Щеки краснеют. Он дразнит меня из-за того эротического сна. Рэнсом делает так время от времени, давая мне понять, что он не забыл.
И я тоже не забыла. Не тот сон и не то, как он отреагировал потом, заставив меня мощно кончить прямо здесь, в его постели.
Я качаю головой.
– Нет, сегодня нет. Если мне и снился сон, то я не помню, о чем он был.
– Жаль, – бормочет он, слегка посмеиваясь. – Я надеялся, что ты снова проснешься и кончишь в моих объятиях.
– Рэнсом, – стону я, краснея еще сильнее.
– Что? Это случилось, и мне кажется, нам обоим понравилось.
Я хочу спросить, как ему могло понравиться, если он даже не кончил. Он ведь не трахал меня, даже не дрочил. Хотя, может, он сделал это позже. Может, мастурбировал в душе или в спальне, пока я занималась чем-то другим.
А может, он только
От одной мысли об этом мое лицо вспыхивает еще сильнее, и я корчу гримасу. Несправедливо, с какой легкостью Рэнсом делает это со мной. Он даже не прикоснулся ко мне. Всего лишь поддразнил, а я уже с ума схожу. Тело реагирует на его слова так, словно каждый слог – это искра, падающая на сухую траву.

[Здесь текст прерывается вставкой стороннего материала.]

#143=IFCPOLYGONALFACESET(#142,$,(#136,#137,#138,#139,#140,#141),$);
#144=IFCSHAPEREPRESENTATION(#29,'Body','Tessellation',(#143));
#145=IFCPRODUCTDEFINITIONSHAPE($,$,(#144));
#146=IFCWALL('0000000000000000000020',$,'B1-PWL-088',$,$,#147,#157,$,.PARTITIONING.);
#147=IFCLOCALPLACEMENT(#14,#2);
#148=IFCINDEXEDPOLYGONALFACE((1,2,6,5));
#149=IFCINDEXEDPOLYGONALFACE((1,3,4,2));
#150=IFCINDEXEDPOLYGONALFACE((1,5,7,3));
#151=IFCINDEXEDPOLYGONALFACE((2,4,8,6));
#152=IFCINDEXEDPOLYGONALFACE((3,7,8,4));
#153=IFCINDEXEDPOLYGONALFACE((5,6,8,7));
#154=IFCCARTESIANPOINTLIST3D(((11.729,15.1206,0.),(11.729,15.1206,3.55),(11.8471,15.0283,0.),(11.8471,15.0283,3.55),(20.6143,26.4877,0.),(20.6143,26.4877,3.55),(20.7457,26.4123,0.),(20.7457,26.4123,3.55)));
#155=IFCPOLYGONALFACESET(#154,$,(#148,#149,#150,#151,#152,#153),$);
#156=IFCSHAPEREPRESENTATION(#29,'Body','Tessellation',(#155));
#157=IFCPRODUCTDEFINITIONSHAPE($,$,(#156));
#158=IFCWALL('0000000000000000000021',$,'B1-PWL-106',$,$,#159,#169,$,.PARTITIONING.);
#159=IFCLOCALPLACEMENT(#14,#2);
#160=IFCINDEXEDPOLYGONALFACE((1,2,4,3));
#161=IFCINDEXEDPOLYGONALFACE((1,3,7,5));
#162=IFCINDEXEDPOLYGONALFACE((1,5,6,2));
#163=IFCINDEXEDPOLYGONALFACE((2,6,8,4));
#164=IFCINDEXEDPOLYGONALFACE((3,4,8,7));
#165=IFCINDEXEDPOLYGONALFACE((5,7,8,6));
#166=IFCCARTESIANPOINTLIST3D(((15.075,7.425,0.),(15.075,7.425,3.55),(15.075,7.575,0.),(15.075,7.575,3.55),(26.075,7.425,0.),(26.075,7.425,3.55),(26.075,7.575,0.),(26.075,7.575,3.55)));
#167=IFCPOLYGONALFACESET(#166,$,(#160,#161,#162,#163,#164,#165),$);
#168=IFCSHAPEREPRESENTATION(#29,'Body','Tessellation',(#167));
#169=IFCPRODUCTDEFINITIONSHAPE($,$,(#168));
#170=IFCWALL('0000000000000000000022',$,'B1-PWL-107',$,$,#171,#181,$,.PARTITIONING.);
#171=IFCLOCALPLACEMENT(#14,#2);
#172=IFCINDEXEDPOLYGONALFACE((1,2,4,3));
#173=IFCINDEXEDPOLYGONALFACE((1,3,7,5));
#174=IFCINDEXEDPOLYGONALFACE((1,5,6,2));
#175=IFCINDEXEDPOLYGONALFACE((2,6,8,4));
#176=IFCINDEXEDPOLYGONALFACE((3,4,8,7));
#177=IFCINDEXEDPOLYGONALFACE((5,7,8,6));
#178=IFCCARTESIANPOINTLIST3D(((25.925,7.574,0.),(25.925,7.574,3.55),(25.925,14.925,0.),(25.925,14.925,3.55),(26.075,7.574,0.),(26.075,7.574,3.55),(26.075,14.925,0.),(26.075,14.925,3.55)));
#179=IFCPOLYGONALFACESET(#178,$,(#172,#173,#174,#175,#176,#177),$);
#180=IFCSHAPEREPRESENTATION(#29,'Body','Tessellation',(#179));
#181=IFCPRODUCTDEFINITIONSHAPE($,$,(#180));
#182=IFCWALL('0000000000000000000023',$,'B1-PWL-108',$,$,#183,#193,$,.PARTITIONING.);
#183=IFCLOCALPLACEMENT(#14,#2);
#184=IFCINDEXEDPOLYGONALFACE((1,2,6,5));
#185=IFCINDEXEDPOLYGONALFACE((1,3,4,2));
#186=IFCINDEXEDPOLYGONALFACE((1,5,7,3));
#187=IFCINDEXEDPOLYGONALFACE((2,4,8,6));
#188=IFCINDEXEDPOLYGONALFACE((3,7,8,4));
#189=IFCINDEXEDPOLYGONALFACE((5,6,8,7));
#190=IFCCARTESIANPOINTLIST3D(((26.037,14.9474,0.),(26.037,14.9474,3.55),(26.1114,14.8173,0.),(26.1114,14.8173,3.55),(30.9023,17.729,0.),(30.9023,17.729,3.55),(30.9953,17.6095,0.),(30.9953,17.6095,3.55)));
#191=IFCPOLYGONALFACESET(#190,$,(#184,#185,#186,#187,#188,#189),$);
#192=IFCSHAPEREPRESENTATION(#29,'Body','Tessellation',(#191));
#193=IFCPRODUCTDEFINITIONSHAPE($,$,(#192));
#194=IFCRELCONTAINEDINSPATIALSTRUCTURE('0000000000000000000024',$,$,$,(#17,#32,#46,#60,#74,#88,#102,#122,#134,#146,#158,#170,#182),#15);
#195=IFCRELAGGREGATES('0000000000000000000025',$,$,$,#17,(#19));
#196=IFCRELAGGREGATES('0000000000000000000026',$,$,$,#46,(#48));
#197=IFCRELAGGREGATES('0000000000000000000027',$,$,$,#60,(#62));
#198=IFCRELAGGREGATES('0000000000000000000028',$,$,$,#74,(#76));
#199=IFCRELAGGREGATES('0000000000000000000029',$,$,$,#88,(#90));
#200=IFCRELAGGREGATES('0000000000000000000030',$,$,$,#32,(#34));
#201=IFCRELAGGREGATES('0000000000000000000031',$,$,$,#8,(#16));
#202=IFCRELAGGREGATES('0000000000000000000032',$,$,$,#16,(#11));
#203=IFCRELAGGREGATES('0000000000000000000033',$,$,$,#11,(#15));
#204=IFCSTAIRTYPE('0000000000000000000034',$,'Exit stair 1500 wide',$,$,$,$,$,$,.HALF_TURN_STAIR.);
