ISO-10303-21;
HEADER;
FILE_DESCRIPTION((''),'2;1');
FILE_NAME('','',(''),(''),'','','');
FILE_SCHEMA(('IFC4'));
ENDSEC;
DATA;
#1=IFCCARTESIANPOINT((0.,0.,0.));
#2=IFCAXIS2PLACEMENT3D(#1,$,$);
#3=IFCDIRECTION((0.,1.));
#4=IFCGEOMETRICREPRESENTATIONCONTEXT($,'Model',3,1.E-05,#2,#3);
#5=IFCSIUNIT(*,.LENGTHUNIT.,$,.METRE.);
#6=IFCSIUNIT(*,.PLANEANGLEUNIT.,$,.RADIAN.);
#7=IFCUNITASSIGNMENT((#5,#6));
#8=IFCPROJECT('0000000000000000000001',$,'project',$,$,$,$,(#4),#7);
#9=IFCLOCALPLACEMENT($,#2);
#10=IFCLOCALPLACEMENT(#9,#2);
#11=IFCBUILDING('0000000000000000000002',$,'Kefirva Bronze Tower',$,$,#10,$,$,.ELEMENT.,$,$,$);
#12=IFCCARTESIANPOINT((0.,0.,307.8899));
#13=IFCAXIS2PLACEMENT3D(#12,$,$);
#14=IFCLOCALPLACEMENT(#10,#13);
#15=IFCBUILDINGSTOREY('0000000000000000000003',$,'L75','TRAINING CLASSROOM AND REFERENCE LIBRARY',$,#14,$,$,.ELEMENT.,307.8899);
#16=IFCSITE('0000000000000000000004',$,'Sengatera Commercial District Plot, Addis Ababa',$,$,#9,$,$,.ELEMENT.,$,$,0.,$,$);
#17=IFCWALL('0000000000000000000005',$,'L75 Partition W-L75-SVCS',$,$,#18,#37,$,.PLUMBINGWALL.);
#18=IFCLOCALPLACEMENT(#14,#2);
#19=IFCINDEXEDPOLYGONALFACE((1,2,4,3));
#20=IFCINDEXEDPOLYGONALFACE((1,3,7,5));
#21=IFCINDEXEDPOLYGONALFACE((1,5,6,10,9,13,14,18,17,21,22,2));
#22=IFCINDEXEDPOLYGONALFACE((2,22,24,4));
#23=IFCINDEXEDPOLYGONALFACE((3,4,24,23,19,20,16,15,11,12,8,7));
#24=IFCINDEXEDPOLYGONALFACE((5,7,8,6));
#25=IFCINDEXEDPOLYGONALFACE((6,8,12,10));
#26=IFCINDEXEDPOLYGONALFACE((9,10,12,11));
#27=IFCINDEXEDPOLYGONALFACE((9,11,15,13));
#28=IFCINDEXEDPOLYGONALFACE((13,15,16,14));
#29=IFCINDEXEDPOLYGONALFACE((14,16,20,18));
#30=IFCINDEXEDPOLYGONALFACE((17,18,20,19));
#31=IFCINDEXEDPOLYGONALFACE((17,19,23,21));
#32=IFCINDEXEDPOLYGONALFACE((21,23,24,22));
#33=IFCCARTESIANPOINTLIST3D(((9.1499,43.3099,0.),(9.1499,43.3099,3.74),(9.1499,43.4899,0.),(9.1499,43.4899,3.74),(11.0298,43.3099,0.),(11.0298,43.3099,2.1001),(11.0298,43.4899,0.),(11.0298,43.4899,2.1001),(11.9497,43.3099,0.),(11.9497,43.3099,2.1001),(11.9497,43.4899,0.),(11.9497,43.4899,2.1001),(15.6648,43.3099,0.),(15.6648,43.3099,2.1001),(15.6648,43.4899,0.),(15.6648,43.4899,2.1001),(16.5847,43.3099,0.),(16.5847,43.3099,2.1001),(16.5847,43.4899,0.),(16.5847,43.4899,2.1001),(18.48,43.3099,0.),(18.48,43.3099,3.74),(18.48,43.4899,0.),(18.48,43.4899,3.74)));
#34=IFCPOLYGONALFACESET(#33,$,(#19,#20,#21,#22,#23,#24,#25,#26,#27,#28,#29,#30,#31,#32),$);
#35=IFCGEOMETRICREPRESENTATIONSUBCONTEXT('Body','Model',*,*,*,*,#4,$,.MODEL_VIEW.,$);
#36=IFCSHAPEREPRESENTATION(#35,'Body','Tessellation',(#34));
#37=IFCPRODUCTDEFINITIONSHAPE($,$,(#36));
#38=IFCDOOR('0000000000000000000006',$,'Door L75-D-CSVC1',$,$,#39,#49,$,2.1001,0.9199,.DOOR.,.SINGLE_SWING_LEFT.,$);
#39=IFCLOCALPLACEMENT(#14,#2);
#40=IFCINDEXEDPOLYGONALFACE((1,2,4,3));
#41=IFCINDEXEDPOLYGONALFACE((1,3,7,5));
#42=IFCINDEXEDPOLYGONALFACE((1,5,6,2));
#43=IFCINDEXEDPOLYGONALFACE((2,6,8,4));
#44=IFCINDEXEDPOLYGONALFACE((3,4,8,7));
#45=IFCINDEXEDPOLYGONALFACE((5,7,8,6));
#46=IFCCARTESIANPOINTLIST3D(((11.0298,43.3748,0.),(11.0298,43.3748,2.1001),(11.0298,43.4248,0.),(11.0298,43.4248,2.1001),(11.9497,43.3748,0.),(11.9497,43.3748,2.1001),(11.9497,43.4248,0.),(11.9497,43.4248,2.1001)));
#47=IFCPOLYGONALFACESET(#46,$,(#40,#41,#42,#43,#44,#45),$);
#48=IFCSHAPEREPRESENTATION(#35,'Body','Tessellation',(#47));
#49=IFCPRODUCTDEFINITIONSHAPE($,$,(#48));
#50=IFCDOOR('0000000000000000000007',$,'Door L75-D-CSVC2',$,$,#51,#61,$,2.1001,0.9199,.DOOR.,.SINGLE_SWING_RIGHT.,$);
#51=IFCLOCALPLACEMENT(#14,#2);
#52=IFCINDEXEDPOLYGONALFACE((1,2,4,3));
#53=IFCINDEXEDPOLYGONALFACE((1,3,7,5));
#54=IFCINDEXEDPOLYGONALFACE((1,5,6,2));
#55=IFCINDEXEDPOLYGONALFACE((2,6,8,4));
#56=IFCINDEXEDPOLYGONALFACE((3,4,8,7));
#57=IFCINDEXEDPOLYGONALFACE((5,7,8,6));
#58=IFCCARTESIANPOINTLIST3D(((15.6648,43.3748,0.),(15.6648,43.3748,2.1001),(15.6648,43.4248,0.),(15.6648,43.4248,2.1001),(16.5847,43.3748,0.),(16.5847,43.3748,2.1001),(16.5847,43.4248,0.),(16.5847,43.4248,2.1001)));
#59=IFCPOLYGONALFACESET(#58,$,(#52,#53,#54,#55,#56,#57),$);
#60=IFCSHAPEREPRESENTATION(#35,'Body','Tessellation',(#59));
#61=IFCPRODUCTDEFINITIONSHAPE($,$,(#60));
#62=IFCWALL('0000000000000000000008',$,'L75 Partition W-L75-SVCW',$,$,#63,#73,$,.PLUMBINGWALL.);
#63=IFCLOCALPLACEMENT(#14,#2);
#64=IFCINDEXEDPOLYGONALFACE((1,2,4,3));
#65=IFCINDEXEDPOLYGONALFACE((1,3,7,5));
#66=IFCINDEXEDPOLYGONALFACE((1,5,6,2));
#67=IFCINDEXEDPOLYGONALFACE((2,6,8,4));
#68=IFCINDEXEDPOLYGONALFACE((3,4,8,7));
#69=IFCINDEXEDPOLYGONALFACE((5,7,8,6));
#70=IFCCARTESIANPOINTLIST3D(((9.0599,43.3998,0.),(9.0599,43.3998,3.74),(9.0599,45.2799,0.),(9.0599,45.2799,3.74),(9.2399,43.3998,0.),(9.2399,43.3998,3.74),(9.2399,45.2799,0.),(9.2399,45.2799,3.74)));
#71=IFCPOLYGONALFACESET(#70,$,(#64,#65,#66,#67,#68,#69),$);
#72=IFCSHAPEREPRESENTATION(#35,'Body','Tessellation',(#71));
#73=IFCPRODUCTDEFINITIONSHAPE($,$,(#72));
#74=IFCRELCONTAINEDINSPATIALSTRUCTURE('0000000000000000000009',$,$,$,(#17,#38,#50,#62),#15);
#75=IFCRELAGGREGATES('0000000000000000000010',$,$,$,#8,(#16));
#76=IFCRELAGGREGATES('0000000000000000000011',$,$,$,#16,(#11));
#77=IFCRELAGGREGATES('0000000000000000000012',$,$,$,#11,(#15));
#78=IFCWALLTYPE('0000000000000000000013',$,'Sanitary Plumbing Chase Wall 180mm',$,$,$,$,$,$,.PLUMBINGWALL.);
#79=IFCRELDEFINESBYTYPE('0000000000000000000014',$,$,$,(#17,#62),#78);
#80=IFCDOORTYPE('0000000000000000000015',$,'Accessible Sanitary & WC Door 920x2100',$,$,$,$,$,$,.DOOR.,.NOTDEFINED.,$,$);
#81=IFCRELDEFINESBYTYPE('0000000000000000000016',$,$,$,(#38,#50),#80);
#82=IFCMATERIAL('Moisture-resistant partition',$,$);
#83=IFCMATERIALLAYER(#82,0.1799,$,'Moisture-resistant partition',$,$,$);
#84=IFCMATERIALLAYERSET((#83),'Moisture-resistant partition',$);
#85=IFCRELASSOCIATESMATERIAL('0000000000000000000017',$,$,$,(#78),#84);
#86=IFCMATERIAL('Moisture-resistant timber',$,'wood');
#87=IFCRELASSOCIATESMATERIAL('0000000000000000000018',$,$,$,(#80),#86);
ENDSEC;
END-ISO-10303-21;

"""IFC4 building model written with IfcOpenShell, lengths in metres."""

from ifc_helpers import new_model, si_unit, direction, frame, frame_2d, origin, place, context, subcontext, project, spatial, rectangle, extrude, material, layer, layer_set, type_object, element, fill, save


model = new_model("IFC4")

# Units and contexts
model_context = context("Model", 3, precision=1e-05, world=origin(), true_north=direction((0.0, 1.0)))
body_context = subcontext(model_context, "Body", "Model", "MODEL_VIEW")
ifc_project = project(units=[si_unit("LENGTHUNIT", "METRE"), si_unit("PLANEANGLEUNIT", "RADIAN")], contexts=[model_context])

# Site, building, storey
site_placement = place(None, origin())
site = spatial("IfcSite", under=ifc_project, at=site_placement, Name="Sengatera Commercial District Plot, Addis Ababa", CompositionType="ELEMENT", RefElevation=0.0)
building_placement = place(site_placement, origin())
building = spatial("IfcBuilding", under=site, at=building_placement, Name="Kefirva Bronze Tower", CompositionType="ELEMENT")
storey_placement = place(building_placement, frame((0.0, 0.0, 307.8899)))
storey = spatial("IfcBuildingStorey", under=building, at=storey_placement, Name="L75", Description="TRAINING CLASSROOM AND REFERENCE LIBRARY", CompositionType="ELEMENT", Elevation=307.8899)

# Wall, openings, doors
ifc_material_1 = material(Name="Moisture-resistant partition")
ifc_layer_1 = layer(ifc_material_1, 0.1799, Name="Moisture-resistant partition")
ifc_layer_set_1 = layer_set([ifc_layer_1], Name="Moisture-resistant partition")
wall_type_1 = type_object("IfcWallType", Name="Sanitary Plumbing Chase Wall 180mm", PredefinedType="PLUMBINGWALL", material=ifc_layer_set_1)
wall_1_placement = place(storey_placement, frame((9.1499, 43.3999, 0.0), z_axis=(0.0, 0.0, 1.0), x_axis=(1.0, 0.0, 0.0)))
wall_1 = element("IfcWall", 1, at=wall_1_placement, inside=storey, type_object=wall_type_1, Name="L75 Partition W-L75-SVCS", PredefinedType="PLUMBINGWALL", context=body_context, shape_type="SweptSolid", body=[
    extrude(rectangle(XDim=9.3301, YDim=0.1799, at=frame_2d((4.665, 0.0))), origin(), (0.0, 0.0, 1.0), 3.74),
])
opening_1_placement = place(wall_1_placement, frame((1.8799, 0.0, 0.0)))
opening_1 = element("IfcOpeningElement", 2, at=opening_1_placement, cuts=wall_1, PredefinedType="OPENING", context=body_context, shape_type="SweptSolid", body=[
    extrude(rectangle(XDim=0.9199, YDim=2.1001, at=frame_2d((0.46, 1.05))), frame((0.0, 0.1001, 0.0), z_axis=(0.0, -1.0, 0.0), x_axis=(1.0, 0.0, 0.0)), (0.0, 0.0, 1.0), 0.2),
])
opening_2_placement = place(wall_1_placement, frame((6.5149, 0.0, 0.0)))
opening_2 = element("IfcOpeningElement", 3, at=opening_2_placement, cuts=wall_1, PredefinedType="OPENING", context=body_context, shape_type="SweptSolid", body=[
    extrude(rectangle(XDim=0.9199, YDim=2.1001, at=frame_2d((0.46, 1.05))), frame((0.0, 0.1001, 0.0), z_axis=(0.0, -1.0, 0.0), x_axis=(1.0, 0.0, 0.0)), (0.0, 0.0, 1.0), 0.2),
])
ifc_material_2 = material(Name="Moisture-resistant timber", Category="wood")
door_type_1 = type_object("IfcDoorType", Name="Accessible Sanitary & WC Door 920x2100", OperationType="NOTDEFINED", PredefinedType="DOOR", material=ifc_material_2)
door_1_placement = place(opening_1_placement, origin())
door_1 = element("IfcDoor", 4, at=door_1_placement, inside=storey, type_object=door_type_1, Name="Door L75-D-CSVC1", OperationType="SINGLE_SWING_LEFT", OverallHeight=2.1001, OverallWidth=0.9199, PredefinedType="DOOR", context=body_context, shape_type="SweptSolid", body=[
    extrude(rectangle(XDim=0.9199, YDim=2.1001, at=frame_2d((0.46, 1.05))), frame((0.0, 0.0249, 0.0), z_axis=(0.0, -1.0, 0.0), x_axis=(1.0, 0.0, 0.0)), (0.0, 0.0, 1.0), 0.05),
])
fill(opening_1, door_1)
door_2_placement = place(opening_2_placement, origin())
door_2 = element("IfcDoor", 5, at=door_2_placement, inside=storey, type_object=door_type_1, Name="Door L75-D-CSVC2", OperationType="SINGLE_SWING_RIGHT", OverallHeight=2.1001, OverallWidth=0.9199, PredefinedType="DOOR", context=body_context, shape_type="SweptSolid", body=[
    extrude(rectangle(XDim=0.9199, YDim=2.1001, at=frame_2d((0.46, 1.05))), frame((0.0, 0.0249, 0.0), z_axis=(0.0, -1.0, 0.0), x_axis=(1.0, 0.0, 0.0)), (0.0, 0.0, 1.0), 0.05),
])
fill(opening_2, door_2)

# Wall
wall_2_placement = place(storey_placement, frame((9.1499, 43.3999, 0.0), z_axis=(0.0, 0.0, 1.0), x_axis=(0.0, 1.0, 0.0)))
element("IfcWall", 6, at=wall_2_placement, inside=storey, type_object=wall_type_1, Name="L75 Partition W-L75-SVCW", PredefinedType="PLUMBINGWALL", context=body_context, shape_type="SweptSolid", body=[
    extrude(rectangle(XDim=1.8801, YDim=0.1799, at=frame_2d((0.9399, 0.0))), origin(), (0.0, 0.0, 1.0), 3.74),
])

save(model, "model.ifc")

Но, несмотря на смущение, я не могу отрицать, что это становится одним из моих любимых способов пробуждения.
Устраиваясь поудобнее в его объятиях, я зеваю и потягиваюсь, размышляя о том, что лучше – попытаться поспать подольше или встать и начать новый день. Если не считать ежедневного подъема и похода в колледж, мне не так уж сложно придерживаться какого-то определенного графика.
Я подумываю о том, чтобы спросить Рэнсома, есть ли у него сегодня какие-нибудь машины, с которыми я могла бы помочь, но, прежде чем успеваю открыть рот, его хватка усиливается, и он переворачивает меня на спину.
Когда я, моргая, смотрю на него, он прижимается ко мне своим большим мускулистым телом. Его бедра располагаются между моих ног. В выражении лица какая-то напряженность. Я резко втягиваю воздух, когда чувствую, как через оба слоя нашей одежды к моей киске жмется твердая линия его члена.
Тонкая преграда не мешает мне чувствовать, какой он твердый. Сердце начинает бешено колотиться, внутри все трепещет.
Он смотрит на меня, пригвоздив к постели не только телом, но и взглядом. На его лице написано желание, горячее и настойчивое, но это не все, что я вижу.
Что-то еще горит в глубине его глаз, смешиваясь с жаром, и я с удивлением осознаю, что не могу понять, что именно. Обычно Рэнсома легче всего понять из трех братьев, и, кроме того, совместные утра дали мне хорошую практику в понимании выражения его лица и настроения. Но что бы он ни чувствовал сейчас, этого я понять не могу.